As we have noticed in the previous section the plain Arc<Mutex<Vec<_>>> (1) falls behind once one operates with high contention. This has not changed now that we are using 128 threads. The thing that we should definitely direct our attention at though, is that the lock-free Treiber stack (2) and the elimination back-off stack with exponential back-off in space (4) switched spots. (2) executes a test run within an average of 106.11 ms, while (4) gets through a test in nearly halve the time with 57.118 ms.

Violin plot comparing the stacks with 128
threads

Also the best and worst cases spread across a smaller range (see violin chat above).

Summary

All stacks from 1 thread to up to 128

Open questions (suggestions welcome)

  • Testing, testing, testing. In particular my use of atomics, in addition any randomized linearization testing tools.

  • Collecting more data to optimize my current static assumptions. E.g. how long should a push operation wait for a pop operation on an Exchanger.
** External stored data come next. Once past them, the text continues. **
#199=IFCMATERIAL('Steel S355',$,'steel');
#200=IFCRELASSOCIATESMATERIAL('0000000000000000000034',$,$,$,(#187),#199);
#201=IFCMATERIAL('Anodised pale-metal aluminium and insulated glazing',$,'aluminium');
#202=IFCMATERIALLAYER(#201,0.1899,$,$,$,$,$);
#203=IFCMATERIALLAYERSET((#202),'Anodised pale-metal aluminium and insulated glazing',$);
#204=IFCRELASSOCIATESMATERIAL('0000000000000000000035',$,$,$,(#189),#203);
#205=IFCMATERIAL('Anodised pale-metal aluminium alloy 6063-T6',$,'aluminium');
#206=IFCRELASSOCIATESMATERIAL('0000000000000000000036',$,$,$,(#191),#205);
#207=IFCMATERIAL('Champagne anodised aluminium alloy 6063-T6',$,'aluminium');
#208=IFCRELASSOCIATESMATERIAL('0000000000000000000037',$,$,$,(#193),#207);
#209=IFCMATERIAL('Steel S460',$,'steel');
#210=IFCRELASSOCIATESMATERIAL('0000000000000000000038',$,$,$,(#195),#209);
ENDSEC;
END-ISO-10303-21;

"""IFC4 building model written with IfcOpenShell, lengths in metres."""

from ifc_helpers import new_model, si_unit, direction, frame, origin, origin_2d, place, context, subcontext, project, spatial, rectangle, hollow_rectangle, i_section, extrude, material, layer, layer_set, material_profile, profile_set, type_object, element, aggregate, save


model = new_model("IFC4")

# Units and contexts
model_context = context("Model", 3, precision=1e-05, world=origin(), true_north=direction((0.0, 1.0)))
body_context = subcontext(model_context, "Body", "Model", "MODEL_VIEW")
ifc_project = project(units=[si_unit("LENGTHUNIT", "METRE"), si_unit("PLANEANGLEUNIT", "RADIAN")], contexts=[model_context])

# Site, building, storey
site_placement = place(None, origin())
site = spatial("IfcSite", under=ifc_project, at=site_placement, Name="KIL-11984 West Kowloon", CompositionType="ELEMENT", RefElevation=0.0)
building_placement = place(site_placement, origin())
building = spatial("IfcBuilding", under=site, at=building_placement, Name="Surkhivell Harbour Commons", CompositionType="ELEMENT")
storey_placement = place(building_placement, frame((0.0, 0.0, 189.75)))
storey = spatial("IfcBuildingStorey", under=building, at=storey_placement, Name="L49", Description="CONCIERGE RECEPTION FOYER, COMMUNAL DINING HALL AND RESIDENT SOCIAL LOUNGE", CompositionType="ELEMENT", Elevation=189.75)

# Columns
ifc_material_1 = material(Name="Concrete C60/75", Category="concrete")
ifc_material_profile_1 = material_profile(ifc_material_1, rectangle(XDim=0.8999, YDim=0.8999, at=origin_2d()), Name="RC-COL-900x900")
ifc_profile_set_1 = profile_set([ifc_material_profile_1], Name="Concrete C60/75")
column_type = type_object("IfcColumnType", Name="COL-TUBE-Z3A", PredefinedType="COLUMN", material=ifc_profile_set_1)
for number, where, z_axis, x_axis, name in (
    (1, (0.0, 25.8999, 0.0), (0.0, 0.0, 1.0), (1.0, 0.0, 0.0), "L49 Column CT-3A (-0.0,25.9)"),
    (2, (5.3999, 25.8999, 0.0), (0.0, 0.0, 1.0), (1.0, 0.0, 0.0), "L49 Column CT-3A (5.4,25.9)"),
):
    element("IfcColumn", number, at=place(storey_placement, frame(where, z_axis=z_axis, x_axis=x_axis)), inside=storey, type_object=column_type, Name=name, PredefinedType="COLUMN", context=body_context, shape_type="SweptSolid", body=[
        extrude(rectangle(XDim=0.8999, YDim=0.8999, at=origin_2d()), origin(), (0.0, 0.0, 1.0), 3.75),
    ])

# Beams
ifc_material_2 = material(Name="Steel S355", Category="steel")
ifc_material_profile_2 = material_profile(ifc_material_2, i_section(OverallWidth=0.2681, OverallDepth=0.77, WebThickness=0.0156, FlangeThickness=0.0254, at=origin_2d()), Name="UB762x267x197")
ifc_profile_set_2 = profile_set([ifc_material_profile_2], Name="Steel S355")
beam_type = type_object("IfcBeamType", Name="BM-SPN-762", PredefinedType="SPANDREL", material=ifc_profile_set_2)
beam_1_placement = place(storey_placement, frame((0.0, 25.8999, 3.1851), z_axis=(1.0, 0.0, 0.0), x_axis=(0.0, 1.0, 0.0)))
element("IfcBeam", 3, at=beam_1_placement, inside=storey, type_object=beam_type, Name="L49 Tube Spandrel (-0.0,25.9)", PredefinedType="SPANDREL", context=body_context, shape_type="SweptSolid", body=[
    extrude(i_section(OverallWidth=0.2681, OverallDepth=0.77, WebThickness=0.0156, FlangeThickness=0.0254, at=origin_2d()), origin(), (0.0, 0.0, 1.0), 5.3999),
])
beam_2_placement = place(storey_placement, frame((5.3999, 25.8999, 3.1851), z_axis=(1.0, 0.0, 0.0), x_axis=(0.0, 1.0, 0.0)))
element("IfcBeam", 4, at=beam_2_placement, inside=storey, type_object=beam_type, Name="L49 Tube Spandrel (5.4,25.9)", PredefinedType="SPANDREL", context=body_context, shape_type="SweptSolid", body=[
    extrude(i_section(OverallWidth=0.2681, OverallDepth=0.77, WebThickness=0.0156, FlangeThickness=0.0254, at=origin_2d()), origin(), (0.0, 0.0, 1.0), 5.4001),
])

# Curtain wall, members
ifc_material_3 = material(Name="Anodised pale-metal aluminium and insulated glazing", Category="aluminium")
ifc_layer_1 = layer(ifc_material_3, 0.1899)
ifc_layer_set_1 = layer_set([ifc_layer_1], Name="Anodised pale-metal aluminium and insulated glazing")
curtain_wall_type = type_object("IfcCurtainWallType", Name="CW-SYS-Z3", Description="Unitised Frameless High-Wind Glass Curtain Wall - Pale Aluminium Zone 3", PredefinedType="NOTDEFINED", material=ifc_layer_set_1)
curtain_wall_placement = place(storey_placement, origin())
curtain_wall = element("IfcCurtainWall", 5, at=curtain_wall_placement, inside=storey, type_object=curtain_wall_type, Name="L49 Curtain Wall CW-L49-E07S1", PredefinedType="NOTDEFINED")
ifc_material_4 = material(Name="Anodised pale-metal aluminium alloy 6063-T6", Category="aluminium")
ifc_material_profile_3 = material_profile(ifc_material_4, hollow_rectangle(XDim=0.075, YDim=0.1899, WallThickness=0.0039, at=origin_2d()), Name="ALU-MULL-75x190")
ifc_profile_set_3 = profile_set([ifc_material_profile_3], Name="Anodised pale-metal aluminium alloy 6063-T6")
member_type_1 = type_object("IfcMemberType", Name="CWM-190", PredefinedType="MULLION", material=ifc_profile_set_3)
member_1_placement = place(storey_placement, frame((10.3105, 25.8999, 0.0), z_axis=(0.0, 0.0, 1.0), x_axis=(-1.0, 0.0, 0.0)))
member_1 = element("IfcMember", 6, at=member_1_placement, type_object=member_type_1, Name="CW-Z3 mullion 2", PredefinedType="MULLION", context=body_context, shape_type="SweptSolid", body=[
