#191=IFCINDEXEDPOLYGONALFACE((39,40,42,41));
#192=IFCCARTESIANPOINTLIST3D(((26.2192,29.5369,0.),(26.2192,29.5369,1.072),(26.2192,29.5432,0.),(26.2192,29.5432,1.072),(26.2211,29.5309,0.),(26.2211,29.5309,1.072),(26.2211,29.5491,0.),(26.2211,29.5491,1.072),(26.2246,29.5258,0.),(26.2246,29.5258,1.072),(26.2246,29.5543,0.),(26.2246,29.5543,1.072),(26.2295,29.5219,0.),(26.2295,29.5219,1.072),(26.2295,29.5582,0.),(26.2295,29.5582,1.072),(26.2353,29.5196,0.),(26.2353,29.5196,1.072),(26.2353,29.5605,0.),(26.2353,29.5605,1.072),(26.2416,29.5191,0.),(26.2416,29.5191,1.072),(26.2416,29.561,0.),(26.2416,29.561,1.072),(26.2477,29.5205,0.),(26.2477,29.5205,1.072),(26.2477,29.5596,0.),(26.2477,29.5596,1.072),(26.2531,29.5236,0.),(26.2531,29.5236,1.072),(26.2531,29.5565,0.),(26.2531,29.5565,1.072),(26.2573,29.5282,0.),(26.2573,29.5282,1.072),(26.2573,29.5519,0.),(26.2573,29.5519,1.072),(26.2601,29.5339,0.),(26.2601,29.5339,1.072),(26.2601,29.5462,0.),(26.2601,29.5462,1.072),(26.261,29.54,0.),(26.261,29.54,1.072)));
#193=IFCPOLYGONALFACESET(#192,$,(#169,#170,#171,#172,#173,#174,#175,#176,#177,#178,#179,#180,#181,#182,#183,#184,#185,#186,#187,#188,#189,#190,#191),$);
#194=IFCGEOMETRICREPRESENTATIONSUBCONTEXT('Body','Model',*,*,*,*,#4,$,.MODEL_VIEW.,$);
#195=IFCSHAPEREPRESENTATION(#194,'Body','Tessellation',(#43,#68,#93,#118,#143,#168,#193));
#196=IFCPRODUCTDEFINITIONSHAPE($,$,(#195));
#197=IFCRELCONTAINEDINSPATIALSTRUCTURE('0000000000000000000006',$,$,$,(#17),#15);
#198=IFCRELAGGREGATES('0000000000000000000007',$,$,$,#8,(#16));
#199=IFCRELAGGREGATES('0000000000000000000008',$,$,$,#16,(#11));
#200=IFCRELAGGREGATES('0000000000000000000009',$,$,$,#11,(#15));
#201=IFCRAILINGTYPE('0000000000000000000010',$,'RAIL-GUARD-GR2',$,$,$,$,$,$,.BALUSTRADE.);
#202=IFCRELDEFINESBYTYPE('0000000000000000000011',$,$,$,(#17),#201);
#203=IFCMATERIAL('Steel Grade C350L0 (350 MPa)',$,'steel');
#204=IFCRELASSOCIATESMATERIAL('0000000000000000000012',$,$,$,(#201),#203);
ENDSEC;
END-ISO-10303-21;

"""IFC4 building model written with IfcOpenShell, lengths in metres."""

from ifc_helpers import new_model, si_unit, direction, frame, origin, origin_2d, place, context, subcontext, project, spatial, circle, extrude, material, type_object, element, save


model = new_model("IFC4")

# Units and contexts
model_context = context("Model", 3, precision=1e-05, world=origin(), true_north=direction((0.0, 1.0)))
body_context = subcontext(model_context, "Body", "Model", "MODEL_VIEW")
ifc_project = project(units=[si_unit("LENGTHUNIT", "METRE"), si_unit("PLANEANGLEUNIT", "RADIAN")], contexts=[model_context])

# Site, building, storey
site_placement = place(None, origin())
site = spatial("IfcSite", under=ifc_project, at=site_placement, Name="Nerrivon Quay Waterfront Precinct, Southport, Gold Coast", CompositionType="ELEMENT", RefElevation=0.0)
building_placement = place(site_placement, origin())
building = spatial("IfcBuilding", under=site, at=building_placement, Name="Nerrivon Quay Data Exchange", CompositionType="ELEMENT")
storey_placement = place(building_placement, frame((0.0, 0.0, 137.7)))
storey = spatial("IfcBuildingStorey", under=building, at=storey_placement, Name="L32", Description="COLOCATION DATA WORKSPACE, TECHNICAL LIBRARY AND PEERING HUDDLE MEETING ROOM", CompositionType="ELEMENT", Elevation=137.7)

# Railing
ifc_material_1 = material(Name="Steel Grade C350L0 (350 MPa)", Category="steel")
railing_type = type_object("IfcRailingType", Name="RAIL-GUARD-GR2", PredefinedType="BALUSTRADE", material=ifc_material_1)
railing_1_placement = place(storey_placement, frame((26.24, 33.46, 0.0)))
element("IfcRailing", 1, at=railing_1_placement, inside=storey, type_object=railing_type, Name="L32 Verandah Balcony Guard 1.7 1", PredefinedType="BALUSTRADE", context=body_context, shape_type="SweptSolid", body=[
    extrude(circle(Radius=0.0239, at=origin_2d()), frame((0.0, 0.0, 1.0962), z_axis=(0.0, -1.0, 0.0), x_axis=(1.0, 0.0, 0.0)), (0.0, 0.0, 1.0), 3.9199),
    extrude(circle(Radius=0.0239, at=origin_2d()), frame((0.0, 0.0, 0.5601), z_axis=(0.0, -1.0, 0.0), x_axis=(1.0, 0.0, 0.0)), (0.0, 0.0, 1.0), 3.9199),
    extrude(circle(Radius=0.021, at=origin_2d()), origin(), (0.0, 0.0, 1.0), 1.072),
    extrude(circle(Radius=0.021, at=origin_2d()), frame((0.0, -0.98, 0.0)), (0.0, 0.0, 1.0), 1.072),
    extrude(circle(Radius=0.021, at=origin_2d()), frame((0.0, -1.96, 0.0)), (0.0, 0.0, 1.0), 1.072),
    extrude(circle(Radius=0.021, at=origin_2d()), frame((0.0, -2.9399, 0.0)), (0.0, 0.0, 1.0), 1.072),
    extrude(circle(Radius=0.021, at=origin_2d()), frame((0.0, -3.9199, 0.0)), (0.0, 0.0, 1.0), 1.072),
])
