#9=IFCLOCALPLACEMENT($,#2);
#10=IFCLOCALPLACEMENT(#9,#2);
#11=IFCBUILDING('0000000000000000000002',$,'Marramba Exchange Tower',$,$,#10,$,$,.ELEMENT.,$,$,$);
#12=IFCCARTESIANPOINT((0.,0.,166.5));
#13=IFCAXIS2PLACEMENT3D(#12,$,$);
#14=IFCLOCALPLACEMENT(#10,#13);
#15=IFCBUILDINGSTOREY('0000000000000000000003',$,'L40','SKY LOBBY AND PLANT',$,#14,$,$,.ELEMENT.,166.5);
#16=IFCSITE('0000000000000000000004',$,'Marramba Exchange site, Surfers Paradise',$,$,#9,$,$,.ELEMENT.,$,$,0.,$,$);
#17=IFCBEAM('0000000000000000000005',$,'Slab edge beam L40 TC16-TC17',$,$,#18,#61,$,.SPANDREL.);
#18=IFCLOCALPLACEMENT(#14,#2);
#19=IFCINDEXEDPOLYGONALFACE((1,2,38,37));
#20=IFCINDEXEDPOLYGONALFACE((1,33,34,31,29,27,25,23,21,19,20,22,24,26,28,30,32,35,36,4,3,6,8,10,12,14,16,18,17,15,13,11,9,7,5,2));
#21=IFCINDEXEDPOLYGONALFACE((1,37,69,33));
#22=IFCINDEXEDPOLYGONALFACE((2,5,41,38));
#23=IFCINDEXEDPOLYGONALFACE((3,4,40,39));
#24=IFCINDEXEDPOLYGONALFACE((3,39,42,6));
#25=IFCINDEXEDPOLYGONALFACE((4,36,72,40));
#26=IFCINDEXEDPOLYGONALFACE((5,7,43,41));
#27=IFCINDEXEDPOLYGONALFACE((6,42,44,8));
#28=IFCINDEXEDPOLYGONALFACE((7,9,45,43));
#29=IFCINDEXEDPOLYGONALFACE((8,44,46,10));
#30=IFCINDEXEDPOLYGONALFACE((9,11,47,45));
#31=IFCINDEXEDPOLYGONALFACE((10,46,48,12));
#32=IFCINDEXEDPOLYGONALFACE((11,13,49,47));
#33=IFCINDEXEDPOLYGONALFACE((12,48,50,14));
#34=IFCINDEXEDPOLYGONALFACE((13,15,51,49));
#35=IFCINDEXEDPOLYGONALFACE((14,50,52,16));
  • And of course the most important one: Why would one use a stack with 128 concurrent threads?


References

[1] Hendler, Danny, Nir Shavit, and Lena Yerushalmi. “A scalable lock-free stack algorithm.” Proceedings of the sixteenth annual ACM symposium on Parallelism in algorithms and architectures. 2004.

[2] Treiber, R. Kent. Systems programming: Coping with parallelism. New York: International Business Machines Incorporated, Thomas J. Watson Research Center, 1986.